SIMD Within a Register: SWAR

CS 441 Lecture, Dr. Lawlor

SIMD execution can speed things up even without fancy instructions.  For example, the key operation in Conway's Game of Life is to collect up neighbor counts.  We can use SIMD by keeping the three-bit neighbor counts for 64 neighbors stored "vertically" inside corresponding bits of three 64-bit long integers.  The machine's native addition operation doesn't do the right thing, but we can manually build a half adder in software, like this:
/* Conway's Game of Life using SIMD bitwise operations 
Dr.

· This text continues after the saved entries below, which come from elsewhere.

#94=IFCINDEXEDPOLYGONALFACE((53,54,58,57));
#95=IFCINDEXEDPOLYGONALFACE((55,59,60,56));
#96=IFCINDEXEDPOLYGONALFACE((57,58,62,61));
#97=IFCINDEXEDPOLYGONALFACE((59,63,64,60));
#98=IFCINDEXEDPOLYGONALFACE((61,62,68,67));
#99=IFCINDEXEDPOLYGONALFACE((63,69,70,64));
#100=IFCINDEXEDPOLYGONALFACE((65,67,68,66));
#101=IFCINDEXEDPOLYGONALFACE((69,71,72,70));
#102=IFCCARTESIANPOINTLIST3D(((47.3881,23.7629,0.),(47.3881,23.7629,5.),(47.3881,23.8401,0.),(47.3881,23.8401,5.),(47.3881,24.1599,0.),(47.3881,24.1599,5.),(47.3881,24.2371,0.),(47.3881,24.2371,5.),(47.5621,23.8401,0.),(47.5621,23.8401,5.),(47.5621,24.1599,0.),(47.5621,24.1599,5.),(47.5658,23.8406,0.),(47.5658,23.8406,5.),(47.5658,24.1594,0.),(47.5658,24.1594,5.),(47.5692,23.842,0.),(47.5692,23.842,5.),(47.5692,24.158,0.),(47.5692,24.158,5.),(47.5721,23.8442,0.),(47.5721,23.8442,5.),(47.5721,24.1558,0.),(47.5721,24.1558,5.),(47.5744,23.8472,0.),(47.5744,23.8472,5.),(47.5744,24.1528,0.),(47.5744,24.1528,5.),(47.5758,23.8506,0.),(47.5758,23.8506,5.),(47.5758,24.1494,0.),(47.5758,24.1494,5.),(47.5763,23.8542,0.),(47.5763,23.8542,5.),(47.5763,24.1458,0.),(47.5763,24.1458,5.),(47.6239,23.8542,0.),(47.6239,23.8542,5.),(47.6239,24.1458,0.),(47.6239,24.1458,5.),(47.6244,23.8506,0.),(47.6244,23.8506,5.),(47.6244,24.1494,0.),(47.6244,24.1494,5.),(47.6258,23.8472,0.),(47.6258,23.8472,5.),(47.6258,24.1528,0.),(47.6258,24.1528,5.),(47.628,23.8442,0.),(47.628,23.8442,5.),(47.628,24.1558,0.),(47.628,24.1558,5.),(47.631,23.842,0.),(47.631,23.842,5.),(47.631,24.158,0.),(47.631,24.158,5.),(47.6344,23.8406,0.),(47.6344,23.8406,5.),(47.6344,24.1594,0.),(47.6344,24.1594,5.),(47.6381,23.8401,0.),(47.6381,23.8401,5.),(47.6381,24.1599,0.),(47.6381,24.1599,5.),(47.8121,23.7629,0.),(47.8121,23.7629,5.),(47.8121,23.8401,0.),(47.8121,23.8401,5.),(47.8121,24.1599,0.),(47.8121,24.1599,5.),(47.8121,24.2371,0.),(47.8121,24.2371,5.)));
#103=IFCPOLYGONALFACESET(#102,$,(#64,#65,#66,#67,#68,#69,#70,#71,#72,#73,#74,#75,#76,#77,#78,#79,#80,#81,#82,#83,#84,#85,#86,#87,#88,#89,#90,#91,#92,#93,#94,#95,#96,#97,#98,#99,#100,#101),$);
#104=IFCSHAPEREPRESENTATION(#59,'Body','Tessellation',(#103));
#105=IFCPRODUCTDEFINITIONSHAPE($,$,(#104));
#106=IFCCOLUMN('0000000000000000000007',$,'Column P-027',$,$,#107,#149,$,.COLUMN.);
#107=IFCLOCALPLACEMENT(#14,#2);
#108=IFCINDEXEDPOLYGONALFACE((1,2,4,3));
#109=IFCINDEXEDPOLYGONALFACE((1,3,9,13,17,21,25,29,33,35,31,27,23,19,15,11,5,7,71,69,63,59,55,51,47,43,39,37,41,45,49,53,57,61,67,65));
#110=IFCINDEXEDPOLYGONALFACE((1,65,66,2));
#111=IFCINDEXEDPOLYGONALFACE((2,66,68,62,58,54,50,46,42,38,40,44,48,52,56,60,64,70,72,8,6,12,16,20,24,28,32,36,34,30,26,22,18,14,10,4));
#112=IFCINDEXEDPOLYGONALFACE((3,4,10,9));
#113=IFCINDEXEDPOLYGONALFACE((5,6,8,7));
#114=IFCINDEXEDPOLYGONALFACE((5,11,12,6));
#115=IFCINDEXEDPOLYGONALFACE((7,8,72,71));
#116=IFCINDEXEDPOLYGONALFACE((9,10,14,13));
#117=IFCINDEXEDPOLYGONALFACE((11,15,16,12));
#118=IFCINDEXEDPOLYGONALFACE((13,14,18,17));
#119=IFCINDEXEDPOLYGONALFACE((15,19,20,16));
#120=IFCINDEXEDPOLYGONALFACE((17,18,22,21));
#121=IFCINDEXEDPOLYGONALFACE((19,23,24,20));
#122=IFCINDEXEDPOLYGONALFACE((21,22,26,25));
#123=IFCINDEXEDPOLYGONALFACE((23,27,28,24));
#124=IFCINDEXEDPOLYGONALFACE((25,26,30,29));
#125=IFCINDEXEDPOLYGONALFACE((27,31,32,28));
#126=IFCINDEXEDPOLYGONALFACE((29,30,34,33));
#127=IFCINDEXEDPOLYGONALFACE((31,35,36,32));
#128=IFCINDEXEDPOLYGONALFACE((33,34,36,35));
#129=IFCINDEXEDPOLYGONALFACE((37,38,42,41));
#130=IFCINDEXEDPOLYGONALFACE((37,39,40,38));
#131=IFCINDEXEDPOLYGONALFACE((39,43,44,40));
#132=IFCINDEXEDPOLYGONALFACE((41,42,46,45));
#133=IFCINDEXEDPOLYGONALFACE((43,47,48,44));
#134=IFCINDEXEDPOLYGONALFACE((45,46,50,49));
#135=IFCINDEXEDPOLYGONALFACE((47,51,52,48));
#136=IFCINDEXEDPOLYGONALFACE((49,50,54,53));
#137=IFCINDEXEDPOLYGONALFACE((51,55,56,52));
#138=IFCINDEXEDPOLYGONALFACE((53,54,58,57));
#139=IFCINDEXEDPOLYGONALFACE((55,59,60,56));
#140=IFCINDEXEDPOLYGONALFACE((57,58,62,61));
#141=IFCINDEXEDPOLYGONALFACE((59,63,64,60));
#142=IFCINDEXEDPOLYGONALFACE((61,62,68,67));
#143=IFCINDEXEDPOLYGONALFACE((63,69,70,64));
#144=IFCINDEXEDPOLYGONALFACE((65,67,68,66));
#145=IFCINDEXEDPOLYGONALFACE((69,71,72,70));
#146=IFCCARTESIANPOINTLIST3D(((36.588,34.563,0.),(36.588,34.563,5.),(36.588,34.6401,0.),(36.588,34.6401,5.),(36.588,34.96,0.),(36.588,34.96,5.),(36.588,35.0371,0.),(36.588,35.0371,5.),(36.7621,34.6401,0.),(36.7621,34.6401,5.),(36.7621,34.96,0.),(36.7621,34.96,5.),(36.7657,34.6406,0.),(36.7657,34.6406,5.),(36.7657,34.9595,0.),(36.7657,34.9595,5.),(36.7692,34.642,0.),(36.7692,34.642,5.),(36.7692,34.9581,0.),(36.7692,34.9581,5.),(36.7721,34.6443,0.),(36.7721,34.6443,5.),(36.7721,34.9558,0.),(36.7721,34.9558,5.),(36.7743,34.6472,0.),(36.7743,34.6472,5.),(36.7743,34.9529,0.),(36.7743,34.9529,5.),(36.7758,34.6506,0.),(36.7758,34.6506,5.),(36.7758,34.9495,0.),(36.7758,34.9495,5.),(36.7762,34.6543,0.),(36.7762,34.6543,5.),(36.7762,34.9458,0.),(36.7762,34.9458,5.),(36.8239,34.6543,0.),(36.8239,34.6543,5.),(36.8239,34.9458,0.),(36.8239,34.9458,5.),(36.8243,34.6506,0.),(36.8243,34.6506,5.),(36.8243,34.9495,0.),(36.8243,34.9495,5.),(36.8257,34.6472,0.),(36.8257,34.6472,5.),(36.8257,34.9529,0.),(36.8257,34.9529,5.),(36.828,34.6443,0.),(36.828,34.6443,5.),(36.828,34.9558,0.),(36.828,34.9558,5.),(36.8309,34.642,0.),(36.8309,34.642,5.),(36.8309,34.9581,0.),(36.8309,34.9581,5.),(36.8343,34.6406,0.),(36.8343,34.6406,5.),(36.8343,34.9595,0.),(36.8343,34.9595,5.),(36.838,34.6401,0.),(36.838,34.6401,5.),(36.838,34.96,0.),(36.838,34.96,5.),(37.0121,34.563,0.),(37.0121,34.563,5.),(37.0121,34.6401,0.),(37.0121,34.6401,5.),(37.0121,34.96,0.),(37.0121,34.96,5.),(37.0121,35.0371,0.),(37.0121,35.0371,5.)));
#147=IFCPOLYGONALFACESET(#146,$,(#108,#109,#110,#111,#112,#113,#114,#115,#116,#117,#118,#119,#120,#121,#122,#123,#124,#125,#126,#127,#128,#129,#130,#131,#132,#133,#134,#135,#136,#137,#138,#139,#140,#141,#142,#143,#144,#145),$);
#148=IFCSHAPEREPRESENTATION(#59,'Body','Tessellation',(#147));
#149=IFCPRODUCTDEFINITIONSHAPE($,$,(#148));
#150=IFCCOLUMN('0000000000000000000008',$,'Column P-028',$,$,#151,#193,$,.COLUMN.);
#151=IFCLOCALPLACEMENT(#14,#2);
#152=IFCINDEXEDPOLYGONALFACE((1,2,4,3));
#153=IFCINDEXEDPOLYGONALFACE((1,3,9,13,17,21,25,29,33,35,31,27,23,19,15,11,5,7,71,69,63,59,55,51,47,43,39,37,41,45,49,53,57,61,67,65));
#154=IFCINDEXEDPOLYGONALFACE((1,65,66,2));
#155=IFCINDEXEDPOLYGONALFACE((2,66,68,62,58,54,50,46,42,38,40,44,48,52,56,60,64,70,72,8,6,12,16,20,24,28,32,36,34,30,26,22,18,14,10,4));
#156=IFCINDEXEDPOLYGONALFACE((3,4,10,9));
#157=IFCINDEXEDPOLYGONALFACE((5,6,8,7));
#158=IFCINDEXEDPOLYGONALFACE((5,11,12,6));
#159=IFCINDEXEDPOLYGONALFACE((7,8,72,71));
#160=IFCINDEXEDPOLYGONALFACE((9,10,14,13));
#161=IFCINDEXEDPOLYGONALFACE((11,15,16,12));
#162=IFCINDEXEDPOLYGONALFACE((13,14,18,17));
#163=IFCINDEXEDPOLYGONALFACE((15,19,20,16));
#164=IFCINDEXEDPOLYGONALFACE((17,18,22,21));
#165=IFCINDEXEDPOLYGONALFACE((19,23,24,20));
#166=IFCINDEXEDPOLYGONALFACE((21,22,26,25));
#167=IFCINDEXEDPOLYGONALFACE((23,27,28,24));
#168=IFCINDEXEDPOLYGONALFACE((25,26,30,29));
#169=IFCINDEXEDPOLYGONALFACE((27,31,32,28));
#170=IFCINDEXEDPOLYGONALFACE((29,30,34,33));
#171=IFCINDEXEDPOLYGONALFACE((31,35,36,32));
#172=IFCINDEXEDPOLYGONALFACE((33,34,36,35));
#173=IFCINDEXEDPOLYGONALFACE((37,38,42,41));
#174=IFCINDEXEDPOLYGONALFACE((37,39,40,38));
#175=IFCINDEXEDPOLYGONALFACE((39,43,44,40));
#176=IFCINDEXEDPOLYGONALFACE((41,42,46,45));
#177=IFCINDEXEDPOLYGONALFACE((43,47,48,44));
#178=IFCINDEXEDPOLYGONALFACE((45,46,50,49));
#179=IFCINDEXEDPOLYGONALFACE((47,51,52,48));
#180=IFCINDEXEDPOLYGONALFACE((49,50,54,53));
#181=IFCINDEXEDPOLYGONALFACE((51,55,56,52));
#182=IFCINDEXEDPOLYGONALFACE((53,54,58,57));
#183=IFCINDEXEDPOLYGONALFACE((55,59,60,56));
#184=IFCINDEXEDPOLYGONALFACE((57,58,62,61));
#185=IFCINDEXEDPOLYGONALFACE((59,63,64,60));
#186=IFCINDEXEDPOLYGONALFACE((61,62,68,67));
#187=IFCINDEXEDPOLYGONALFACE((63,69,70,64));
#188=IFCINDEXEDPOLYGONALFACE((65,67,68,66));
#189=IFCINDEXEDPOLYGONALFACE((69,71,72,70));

Orion Lawlor, lawlor@alaska.edu, 2011-10-18 (Public Domain)
*/

/* This treats an integer as an array of bits: SIMD Within A Register */
typedef unsigned long swar;

/* This stores an array of 3-bit counters *vertically* */
class set_of_counters {
public:
swar L, M, H; // 3-bit saturating counters, one per *bit*
set_of_counters() {L=M=H=0;}

/* Add one bit from N to each of our counters */
void add(long N) {
// low bit half adder
swar Lcarry=L&N;
L=L^N;

// middle bit half adder
swar Mcarry=M&Lcarry;
M=M^Lcarry;

// last bit saturates
H=H|Mcarry;
}
};
/*
Run the rules for the game of life on these three rows.
prev is the row above you, next is the row below you,
cur is your current row.

A 1 bit indicates a living cell.
*/
swar run_game(swar prev,swar cur,swar next) {
// Each counter stores the number of neighbors around this cell
set_of_counters c;

// Add all eight neighbors to our counts
c.add(prev>>1); c.add(prev); c.add(prev<<1);
c.add(cur>>1); c.add(cur<<1);
c.add(next>>1); c.add(next); c.add(next<<1);

// Run the rules on the resulting counts
long are2=(~c.H)&c.M&(~c.L); // 2==010
long are3=(~c.H)&c.M&c.L; // 3==011
return (are2&cur)|are3; // if 2, unchanged. If 3, alive.
}

// A 2D grid containing game of life cells.
class grid {
public:
enum {ht=30};
swar data[ht];

// Create random initial conditions
void randomize(int seed=1) {
srand(seed);
swar mask=1; mask=~mask;
mask=mask<<1; mask=mask>>1;// knock off high bit
for (int y=0;y<ht;y++) data[y]=rand()&mask;
data[0]=data[ht-1]=0; // clear top and bottom rows
}

// Run one game of life update, writing new cells into dest.
void update(grid &dest) const {
for (int y=1;y<ht-1;y++) {
dest.data[y]=run_game(data[y-1],data[y],data[y+1]);
}
}

// Print the grid onscreen
void print(void) {
for (int y=1;y<ht-1;y++) {
for (unsigned int x=0;x<8*sizeof(swar);x++) {
int bit=(data[y]>>x)&1;
if (bit) std::cout<<"X"; else std::cout<<" ";
}
std::cout<<"\n";
}
}
};

int foo(void) {
grid a,b;
a.randomize(1);

// Run time loop
for (int step=0;step<50;step++) {
std::cout<<"iteration "<<step<<"\n";
a.print();

a.update(b);
std::swap(a,b);
}
return 0;
}
(Try this in NetRun now!)
Compared to a straightforward loop across x, this is much, much faster:
update_swar: 381.17 ns/call
update_bits: 15880.91 ns/call
Program complete. Return 0 (0x0)
(Try this in NetRun now!)
This is a factor of over 40x speedup; not quite the 64x you'd get with perfect SIMD execution on a 64-bit machine, but pretty close!

The downside, of course, is that the software is deeply bizarre; it feels closer to a circuit design than code.